"Living life with a brain injury doesn't define us; it's just an added adventure as we walk towards Jesus." -kd
The other day I could feel my heart having a bit more trouble than usual. It was extra heavy and I was almost in tears for most of the morning. My desire for a baby was so intense and the hurt I felt over not having a baby was so thick. A couple times it felt like I needed to force myself to take a breath, like I had to help myself breathe by making the effort.
I know that God has His perfect timing. I know that He knows the desires of my heart. I know that what I think having a baby looks like for us may be something completely different in the plans that God has for us.

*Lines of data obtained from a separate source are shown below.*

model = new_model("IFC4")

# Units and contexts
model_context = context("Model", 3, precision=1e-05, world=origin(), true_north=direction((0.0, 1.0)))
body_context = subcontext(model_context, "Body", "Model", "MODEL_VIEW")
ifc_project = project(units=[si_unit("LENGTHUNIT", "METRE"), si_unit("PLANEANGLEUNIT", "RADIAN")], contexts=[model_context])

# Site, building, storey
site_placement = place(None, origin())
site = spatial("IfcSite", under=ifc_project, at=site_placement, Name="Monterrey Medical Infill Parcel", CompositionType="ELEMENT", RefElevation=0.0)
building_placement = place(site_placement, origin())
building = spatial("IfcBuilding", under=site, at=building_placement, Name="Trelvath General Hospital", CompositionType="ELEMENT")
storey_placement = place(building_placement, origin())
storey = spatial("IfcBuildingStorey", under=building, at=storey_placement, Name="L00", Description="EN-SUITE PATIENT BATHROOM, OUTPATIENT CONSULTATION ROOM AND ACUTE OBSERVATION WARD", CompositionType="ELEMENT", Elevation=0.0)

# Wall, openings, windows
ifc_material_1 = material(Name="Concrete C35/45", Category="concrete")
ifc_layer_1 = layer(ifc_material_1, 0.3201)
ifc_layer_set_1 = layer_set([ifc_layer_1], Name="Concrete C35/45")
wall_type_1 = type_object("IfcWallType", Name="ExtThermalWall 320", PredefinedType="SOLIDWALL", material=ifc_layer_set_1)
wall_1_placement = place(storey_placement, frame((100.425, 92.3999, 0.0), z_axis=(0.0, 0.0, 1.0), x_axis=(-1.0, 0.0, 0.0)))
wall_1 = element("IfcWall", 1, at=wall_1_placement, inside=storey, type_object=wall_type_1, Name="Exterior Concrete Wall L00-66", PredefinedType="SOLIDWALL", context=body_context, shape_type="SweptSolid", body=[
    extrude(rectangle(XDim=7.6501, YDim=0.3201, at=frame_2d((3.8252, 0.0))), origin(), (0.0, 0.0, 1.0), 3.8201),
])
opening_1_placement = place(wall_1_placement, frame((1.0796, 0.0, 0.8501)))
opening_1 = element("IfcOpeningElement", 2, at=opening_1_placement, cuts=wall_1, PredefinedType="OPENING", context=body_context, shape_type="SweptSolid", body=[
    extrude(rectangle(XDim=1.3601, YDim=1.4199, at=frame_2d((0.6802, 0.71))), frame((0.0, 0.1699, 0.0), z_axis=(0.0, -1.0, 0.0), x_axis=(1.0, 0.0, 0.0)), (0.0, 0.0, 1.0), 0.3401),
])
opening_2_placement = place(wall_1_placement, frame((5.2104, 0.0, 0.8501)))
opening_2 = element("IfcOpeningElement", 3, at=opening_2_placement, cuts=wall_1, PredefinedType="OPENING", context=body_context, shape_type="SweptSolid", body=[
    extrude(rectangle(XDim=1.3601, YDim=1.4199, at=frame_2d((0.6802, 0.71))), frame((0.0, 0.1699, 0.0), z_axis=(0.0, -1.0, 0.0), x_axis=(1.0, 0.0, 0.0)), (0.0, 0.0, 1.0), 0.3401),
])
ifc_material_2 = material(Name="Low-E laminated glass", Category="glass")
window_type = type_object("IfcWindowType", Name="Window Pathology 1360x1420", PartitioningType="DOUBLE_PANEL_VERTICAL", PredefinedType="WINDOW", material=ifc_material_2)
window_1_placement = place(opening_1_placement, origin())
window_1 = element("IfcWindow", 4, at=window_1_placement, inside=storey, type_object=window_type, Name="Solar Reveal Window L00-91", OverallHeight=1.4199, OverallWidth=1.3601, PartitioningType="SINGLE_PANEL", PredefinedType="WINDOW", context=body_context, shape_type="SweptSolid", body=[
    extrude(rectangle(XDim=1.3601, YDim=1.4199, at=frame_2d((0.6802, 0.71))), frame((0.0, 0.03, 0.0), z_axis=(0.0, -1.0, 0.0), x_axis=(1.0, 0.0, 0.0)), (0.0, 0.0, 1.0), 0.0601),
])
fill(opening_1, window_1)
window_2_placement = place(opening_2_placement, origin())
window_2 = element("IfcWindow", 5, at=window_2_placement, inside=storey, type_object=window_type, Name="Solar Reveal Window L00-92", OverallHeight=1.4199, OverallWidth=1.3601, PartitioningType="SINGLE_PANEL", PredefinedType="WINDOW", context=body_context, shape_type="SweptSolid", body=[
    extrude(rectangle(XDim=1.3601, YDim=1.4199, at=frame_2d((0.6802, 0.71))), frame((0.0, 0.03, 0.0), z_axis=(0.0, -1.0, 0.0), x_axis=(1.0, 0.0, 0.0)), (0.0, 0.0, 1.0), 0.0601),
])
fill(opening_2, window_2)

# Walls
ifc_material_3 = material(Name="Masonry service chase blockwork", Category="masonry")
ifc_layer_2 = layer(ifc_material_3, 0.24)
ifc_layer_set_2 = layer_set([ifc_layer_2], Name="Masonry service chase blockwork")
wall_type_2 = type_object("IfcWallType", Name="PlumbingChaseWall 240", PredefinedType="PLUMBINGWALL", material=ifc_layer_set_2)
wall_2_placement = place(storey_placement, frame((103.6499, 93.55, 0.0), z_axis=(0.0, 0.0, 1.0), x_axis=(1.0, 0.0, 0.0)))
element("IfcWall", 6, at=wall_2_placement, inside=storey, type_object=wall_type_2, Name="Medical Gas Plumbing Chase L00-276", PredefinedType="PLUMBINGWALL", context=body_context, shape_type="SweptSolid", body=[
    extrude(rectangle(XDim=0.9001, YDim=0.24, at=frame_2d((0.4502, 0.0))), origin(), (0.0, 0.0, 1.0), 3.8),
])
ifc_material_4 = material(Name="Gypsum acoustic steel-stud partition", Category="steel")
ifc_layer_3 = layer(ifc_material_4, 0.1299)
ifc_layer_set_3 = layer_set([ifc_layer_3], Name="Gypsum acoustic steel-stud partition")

Scripture was being spoken as well as prayers for peace...but this time was so unlike other moments I've had and the emotions I've experienced.

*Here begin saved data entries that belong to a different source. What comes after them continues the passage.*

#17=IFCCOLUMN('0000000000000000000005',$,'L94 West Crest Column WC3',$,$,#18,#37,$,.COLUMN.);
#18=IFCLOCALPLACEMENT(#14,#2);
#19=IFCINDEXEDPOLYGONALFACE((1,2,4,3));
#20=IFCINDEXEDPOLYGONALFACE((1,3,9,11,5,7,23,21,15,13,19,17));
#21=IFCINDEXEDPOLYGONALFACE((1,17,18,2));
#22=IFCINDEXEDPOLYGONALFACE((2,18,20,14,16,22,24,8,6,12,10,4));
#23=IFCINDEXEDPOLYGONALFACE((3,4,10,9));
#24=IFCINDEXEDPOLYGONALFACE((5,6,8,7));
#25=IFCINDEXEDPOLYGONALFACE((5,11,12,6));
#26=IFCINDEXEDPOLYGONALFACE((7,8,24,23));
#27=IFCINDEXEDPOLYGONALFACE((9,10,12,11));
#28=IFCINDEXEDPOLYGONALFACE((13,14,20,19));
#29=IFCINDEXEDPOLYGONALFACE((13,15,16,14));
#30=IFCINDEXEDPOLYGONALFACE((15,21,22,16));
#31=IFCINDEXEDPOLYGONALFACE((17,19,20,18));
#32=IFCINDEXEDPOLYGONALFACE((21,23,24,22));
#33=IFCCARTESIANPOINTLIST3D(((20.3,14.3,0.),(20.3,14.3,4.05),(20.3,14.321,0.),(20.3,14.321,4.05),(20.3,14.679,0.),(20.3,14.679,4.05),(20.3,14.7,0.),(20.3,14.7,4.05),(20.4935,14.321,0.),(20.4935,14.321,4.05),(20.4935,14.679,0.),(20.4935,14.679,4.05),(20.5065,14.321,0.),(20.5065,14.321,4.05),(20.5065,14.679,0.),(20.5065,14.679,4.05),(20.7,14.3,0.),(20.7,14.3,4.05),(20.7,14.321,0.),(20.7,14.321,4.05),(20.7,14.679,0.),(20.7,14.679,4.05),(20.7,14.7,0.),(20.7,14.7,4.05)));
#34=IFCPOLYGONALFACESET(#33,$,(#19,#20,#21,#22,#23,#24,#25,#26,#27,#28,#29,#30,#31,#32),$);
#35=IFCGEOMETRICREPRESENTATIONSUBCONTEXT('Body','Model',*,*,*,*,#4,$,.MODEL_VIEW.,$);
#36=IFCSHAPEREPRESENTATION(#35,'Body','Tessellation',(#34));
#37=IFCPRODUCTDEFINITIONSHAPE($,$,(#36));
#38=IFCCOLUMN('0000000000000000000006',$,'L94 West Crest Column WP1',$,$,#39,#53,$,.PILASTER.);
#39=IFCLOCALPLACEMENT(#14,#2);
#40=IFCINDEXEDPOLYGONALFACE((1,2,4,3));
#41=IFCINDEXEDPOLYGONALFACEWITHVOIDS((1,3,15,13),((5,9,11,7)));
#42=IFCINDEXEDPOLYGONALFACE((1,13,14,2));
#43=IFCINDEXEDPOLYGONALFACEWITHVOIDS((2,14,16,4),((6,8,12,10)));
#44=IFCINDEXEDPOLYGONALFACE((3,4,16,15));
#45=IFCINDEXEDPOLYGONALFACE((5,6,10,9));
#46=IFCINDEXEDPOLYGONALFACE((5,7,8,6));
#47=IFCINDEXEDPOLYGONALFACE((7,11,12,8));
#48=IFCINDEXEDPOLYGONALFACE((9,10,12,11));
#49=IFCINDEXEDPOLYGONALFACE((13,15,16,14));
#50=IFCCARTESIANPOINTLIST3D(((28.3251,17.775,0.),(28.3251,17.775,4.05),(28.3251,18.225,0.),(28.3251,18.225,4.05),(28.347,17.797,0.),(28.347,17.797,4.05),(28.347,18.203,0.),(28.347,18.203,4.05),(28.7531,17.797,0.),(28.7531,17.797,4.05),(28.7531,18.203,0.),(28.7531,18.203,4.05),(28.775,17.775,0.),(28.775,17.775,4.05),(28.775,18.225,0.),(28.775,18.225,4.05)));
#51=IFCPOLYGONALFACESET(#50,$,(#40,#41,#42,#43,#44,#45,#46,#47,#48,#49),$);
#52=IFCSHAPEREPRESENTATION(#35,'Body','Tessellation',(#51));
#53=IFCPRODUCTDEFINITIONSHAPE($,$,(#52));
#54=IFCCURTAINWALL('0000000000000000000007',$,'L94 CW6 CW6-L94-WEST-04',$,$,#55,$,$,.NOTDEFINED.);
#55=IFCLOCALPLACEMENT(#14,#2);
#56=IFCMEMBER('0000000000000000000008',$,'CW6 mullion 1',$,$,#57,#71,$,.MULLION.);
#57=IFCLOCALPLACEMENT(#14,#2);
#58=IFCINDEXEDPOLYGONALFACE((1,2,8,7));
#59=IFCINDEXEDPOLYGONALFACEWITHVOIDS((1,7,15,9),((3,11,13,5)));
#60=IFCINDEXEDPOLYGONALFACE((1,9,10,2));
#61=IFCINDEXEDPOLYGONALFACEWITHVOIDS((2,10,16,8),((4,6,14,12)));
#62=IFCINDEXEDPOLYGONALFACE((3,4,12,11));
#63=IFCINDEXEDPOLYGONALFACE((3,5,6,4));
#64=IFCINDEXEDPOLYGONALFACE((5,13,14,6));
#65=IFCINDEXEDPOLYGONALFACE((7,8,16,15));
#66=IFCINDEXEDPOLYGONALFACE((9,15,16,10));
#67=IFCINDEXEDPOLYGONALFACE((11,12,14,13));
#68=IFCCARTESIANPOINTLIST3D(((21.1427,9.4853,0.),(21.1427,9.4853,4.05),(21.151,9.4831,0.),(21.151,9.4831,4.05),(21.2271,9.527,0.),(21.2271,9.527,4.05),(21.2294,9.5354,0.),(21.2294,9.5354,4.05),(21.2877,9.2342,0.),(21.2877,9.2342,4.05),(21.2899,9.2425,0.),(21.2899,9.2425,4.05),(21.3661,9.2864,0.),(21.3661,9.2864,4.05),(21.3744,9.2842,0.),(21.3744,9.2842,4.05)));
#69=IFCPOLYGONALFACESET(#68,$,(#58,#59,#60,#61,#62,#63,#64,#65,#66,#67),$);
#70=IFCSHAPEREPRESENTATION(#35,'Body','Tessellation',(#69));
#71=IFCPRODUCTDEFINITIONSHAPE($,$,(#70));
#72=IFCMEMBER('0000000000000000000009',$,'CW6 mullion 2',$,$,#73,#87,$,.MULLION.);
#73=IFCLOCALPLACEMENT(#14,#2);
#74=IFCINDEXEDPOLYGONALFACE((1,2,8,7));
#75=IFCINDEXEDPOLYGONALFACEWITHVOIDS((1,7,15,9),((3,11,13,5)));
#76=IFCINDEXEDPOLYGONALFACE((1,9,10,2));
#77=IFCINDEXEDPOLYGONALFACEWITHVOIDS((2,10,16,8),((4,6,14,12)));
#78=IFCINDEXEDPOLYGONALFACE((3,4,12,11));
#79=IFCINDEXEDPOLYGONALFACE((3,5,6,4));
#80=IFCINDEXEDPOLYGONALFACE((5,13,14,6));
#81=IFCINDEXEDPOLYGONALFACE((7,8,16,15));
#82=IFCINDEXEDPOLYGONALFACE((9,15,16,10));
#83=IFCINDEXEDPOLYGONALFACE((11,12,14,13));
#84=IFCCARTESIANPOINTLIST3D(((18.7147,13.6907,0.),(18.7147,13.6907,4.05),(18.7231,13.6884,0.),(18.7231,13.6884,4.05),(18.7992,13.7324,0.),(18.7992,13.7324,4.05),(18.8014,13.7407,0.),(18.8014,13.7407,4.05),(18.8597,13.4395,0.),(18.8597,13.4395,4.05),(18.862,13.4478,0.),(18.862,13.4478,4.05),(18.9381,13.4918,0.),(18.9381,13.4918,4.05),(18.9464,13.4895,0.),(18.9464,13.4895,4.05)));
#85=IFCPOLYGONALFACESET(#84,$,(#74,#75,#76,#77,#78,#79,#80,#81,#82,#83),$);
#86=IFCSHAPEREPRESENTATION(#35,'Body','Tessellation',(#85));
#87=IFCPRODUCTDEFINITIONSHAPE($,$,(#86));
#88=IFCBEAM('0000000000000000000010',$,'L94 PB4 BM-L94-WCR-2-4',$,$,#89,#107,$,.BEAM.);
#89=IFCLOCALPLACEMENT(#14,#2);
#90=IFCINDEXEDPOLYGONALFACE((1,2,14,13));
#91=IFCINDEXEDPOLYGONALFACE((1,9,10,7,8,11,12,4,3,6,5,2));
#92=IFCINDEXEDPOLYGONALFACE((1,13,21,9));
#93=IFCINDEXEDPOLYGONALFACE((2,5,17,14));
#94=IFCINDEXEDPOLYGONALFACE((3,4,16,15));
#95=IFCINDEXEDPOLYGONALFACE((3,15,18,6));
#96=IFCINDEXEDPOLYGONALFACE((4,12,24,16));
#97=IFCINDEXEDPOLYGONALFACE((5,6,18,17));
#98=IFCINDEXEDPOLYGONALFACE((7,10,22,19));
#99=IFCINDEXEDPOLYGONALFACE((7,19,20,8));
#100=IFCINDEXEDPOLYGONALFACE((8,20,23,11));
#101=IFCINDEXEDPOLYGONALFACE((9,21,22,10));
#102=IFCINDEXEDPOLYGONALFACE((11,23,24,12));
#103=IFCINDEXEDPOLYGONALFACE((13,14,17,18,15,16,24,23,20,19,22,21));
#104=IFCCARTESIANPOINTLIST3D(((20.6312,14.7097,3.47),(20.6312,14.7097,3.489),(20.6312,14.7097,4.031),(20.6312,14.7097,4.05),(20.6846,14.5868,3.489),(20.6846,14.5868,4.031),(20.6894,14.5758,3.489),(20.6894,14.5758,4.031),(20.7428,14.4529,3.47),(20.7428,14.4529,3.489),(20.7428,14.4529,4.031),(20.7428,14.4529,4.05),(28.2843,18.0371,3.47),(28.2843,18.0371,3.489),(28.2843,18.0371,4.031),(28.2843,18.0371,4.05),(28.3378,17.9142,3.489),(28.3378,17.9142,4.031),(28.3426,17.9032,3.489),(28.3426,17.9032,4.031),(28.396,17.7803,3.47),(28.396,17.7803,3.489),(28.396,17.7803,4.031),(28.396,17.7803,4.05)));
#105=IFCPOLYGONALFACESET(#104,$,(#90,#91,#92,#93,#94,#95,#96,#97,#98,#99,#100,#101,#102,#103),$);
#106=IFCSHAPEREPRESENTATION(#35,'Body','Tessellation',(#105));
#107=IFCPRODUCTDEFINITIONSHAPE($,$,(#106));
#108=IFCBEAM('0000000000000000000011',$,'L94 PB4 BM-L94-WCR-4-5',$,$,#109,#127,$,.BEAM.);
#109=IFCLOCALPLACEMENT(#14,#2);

I felt overwhelmed as the minutes passed and my gut stayed twisted and my heart desperate. I didn't want to blab about it to anyone around me...and I didn't even plan to write about it here. My comfort came when I was able to send out texts to some of my prayer warriors and really know they were covering me in prayer.
I don't even have an amazing ending to the story...just that Sunday was a big struggle and I'm thankful for so many of you that continue to lift us up and encourage even after we've been on this journey for so long. Thank you.

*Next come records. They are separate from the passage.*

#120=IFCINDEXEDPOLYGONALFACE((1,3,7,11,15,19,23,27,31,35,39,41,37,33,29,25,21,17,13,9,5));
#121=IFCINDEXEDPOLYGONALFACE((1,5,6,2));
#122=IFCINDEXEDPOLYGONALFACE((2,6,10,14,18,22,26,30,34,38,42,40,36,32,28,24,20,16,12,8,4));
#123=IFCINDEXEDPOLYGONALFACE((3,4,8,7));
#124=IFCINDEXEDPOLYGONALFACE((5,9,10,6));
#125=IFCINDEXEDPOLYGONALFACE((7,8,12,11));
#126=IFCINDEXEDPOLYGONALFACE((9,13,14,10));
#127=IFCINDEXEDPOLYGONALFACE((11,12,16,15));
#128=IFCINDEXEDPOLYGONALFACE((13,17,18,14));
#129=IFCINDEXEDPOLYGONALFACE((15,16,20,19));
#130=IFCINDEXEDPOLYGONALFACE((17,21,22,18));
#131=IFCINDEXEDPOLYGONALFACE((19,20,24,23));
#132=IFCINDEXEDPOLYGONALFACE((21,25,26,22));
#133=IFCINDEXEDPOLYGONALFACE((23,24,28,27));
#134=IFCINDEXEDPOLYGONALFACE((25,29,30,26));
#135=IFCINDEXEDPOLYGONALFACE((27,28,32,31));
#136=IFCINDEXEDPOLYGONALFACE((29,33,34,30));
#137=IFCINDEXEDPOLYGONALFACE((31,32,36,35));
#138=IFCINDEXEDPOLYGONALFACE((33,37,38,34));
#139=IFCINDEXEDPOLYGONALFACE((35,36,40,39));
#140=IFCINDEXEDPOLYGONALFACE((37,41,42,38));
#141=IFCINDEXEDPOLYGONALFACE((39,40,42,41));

Along with that, I find myself more often sitting and pondering how thankful I am. I'm thankful for how far Cale has come. I'm thankful we're blessed with a treatment center that is able to help with his anger. I'm thankful I have two arms and hands...that work. I'm thankful for the other patients that we're surrounded by right now and the ones we've met while here. I'm thankful for the awesome staff here. I'm thankful we have a beautiful home to return to. I'm thankful for the friends in my life that actually are friends. I'm thankful for the packages and sweet cards so many of you send. I'm thankful. I'm thankful. I'm thankful.
...and sometimes that's the only two words that form in my thoughts.